Tuesday, April 10, 2007

Jacoby 2NT Convention

This post gets me back to a segment of my audience that I may have ignored recently, the novice/aspiring intermediate. Jacoby 2NT is a direct 2NT conventional response to a major suit opened by your partner. It shows 4 card trump support and game going values. If you play Bergen raises, then you already have a bid for the hand that has 10-12 hcps and 4 card support, so you could reserve Jacoby 2NT for hands with 13+hcps. If you do not play Bergen raises, then I think it is all right to drop the requirement down to the 12 hcp range. In final result, shape makes a great deal of difference and in valuing the hands, responder should consider that he is a supporting hand, not an opening hand.

In an earlier post I discussed splinter bids at length (see January 07 archives). There is some overlap between Jacoby 2NT and splinter bids. My rule is that I do not use Jacoby 2NT if I have the requirements for Jacoby 2NT, but also contains a single or void. I would make a splinter bid instead.If you don't usae splinters, just ignore this concept.

Here are the standard responses to a Jacoby 2NT bid:
1. If opener has a single or void, he bids that suit. That is the first priority no matter what the size of the hand.
2. The next priority is to show the size of the hand if there is no single or void.
(a) With a minimum (14 hcps or less) bid 4 of the major. This is the fast arrival concept and warns partner that you do not have any significant extras.
(b) With 15-17 hcps and no single or void, bid 3NT.
(c) With 18+ hcps and no single or void, bid 3 of the major.

Note you jump to game when you have a minimum hand and slow bid it when you have extra values.

One minor point. If you have a good 5+ card suit (AK10xx or AQJxxx), you ignore all the rest of the instructions and make a jump bid in that suit. So the sequence 1h/2NT/4C shows a good 5 card club suit. Literally, a source of tricks on which responder may be able to pitch losers. Some prefer that the jump bid show a void to distinguish it from a singleton, but I like it the way I have explained it.

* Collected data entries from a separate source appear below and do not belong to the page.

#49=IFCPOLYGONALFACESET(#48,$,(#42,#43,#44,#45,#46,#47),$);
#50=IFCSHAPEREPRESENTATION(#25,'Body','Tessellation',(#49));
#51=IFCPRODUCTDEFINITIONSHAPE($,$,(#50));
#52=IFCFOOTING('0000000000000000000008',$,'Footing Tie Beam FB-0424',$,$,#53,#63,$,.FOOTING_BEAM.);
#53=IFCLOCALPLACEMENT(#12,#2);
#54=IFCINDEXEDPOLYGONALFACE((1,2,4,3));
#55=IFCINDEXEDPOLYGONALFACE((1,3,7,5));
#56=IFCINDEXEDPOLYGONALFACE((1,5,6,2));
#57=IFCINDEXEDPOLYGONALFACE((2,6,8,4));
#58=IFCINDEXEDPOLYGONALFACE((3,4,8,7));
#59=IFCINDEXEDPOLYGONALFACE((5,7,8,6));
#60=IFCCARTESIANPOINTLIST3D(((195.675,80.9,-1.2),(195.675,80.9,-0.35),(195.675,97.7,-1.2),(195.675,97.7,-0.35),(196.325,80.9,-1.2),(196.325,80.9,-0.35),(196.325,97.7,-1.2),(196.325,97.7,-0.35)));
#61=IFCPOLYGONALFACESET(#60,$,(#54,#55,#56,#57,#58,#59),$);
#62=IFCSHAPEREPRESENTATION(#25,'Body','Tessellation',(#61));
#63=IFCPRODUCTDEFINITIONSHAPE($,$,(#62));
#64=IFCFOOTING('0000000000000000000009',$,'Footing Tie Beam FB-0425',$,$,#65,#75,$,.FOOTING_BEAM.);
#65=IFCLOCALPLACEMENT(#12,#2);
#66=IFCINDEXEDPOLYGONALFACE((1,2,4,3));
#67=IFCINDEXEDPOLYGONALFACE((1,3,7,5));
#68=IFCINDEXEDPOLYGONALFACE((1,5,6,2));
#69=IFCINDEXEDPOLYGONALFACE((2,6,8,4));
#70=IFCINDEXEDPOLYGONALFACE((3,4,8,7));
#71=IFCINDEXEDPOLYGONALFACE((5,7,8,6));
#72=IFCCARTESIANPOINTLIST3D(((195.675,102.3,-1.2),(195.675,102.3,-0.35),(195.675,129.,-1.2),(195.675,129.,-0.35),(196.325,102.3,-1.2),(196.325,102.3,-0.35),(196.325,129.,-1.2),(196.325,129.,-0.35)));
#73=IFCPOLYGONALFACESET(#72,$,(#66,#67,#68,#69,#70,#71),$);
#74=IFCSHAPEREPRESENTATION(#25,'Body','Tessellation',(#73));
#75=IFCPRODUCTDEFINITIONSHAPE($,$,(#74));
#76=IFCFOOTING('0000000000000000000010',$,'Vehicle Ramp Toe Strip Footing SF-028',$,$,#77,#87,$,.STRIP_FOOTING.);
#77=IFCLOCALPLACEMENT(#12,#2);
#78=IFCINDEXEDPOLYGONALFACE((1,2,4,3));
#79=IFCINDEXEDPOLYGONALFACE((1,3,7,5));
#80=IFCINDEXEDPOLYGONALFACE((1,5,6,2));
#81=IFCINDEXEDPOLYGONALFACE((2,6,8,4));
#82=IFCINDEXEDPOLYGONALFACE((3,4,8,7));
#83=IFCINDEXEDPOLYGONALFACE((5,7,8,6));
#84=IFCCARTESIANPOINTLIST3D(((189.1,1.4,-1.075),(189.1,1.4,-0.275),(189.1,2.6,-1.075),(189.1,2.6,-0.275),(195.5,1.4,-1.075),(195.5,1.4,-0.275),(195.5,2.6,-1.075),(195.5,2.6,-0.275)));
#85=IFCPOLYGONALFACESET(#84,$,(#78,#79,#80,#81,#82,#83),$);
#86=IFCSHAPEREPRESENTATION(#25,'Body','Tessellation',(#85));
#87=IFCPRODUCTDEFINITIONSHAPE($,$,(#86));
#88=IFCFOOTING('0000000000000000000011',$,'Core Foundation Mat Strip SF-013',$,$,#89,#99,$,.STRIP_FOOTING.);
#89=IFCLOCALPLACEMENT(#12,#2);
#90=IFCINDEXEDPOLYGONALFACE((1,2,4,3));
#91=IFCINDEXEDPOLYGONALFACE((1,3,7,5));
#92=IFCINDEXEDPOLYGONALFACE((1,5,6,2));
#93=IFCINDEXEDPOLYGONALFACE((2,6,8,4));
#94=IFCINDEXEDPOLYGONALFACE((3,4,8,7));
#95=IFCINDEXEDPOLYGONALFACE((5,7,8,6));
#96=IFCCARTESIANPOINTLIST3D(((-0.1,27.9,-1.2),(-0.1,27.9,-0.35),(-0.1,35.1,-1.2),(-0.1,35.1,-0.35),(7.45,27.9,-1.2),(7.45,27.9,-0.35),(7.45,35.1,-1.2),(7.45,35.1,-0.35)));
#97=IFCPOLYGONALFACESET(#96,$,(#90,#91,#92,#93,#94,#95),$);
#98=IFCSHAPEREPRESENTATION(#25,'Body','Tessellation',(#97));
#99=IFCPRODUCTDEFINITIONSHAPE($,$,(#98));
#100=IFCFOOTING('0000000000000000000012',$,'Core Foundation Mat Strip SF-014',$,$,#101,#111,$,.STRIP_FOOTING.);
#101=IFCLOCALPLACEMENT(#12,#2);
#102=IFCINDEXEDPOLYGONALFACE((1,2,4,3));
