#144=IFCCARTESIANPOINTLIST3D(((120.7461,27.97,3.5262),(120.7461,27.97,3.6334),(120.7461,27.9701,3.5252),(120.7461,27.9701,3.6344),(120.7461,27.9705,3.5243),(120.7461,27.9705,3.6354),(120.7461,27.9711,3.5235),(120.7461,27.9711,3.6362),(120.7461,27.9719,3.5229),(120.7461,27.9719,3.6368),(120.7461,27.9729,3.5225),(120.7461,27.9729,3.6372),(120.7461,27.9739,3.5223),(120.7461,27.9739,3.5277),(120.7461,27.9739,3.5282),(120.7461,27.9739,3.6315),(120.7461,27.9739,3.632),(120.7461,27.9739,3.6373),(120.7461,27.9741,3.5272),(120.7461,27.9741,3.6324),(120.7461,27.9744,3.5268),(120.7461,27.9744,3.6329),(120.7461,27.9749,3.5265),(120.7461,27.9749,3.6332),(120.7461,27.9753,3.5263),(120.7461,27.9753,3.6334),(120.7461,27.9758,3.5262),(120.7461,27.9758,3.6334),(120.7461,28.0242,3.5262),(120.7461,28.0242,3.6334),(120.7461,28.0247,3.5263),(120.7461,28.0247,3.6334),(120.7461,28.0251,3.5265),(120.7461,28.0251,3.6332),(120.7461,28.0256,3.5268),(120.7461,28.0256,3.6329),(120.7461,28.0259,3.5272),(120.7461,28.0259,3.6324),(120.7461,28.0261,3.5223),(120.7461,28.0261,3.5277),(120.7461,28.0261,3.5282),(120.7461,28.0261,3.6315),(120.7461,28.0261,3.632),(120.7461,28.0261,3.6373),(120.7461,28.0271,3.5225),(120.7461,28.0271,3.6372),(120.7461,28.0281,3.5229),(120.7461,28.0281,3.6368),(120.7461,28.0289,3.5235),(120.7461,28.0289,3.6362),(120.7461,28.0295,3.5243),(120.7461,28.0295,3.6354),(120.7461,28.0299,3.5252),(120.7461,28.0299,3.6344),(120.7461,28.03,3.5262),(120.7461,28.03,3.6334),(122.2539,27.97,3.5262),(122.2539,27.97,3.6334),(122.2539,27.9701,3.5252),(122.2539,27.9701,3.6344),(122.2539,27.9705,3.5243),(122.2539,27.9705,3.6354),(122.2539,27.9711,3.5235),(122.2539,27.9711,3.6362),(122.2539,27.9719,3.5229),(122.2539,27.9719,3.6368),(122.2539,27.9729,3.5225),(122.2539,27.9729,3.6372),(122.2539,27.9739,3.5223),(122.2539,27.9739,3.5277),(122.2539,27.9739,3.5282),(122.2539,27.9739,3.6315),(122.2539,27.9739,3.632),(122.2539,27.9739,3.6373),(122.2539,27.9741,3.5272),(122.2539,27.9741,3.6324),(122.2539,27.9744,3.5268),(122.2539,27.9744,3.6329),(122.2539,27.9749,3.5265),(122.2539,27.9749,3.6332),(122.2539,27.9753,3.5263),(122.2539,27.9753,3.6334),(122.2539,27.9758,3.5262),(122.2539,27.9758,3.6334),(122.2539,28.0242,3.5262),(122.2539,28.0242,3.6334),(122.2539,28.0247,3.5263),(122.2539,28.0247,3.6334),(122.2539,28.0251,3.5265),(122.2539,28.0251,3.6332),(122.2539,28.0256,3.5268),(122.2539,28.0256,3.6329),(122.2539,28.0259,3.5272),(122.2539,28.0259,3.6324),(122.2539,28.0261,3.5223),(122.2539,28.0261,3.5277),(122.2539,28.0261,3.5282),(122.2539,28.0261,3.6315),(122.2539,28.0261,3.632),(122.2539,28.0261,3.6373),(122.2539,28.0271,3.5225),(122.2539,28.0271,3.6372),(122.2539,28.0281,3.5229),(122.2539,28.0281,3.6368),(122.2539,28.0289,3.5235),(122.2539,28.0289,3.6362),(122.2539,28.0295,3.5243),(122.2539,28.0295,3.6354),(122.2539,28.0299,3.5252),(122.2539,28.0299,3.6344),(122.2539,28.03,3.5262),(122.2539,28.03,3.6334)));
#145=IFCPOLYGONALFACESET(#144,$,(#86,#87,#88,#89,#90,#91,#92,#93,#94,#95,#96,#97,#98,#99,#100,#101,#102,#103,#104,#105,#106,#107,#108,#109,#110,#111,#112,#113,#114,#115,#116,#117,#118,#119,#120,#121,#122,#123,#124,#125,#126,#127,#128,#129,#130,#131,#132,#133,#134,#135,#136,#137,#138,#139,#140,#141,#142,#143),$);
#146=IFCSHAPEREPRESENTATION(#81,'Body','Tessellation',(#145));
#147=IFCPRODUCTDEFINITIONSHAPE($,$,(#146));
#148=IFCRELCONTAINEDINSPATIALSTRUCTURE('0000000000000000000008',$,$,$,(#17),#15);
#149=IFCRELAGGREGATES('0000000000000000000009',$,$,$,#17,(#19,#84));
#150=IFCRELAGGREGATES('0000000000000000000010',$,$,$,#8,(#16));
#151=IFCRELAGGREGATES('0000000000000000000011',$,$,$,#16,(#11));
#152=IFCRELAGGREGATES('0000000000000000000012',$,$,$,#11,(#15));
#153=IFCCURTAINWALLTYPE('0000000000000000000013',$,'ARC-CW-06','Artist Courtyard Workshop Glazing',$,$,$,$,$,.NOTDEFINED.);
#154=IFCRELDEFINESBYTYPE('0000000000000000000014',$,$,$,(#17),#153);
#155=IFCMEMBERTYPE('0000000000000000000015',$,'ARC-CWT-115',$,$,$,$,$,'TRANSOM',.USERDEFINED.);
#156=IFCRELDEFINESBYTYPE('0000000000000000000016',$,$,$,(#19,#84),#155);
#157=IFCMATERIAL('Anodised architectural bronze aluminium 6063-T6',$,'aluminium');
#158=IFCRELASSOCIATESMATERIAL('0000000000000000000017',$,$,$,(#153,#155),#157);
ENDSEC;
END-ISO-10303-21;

If I have a void and think it is something that partner needs to know, I will bid the suit at the 3 level and bid it again a the 4 level if I have the chance to do so.These are refinements that rarely arise and can slow you down, so don't get bogged down here.

You can see that opener is describing his hand, so responder must be the Captain of ship in these sequences. If Responder has any interest in pursuing slam, he should not bid 4 of the major, as opener will correctly pass. One way to invite slam is to go directly to Blackwood or whatever you use to ask for Key cards. Unfortunately, there are some hands where you can only pursue slam if partner holds a specific Ace. An alternative to Blackwood is to bid first round controls up the line. Look at these hands:

(Opener) AK10xxx, xx, AQxxx, Kx (16 hcps)
(Responder) Jxxx, AKxx, Kxx, Qx (13 hcps)

The bidding: 1s/2NT/4S (no single or void and 12-14 hcps). Responder has a great hand with 2 doubletons and lots of Aces and Kings. He does need to know about the Ace of hearts since if opener does not have it, he would have 2 losers off the top. The best way to invite with this hand is not Blackwood, but rather by showing the diamond Ace by bidding 5 diamonds and asking opener to further describe his hand. We have already established that spades is our fit, so this can only be a first round control showing bid, not a new suit at this level. Your plan is that if partner bids 5 hearts showing the Ace of hearts, you are going to play 6 spades and if partner doesn't have the Ace of hearts, he will bid 5 spades to play. On the above hands we get to a cold slam on 29 hcps. There is no other way to get there other than to guess.

Note that if partner has the Ace of Clubs and not the Ace of hearts, he has to ignore it and bid 5 spades. You cannot show a control beyond the 5 level game. If you are going to use Jacoby 2NT, it is a good thing to discuss it with partner in advance, since many players do not understand it beyond the 2NT bid, and you are better off without it if you do not know the basic concepts and continuations.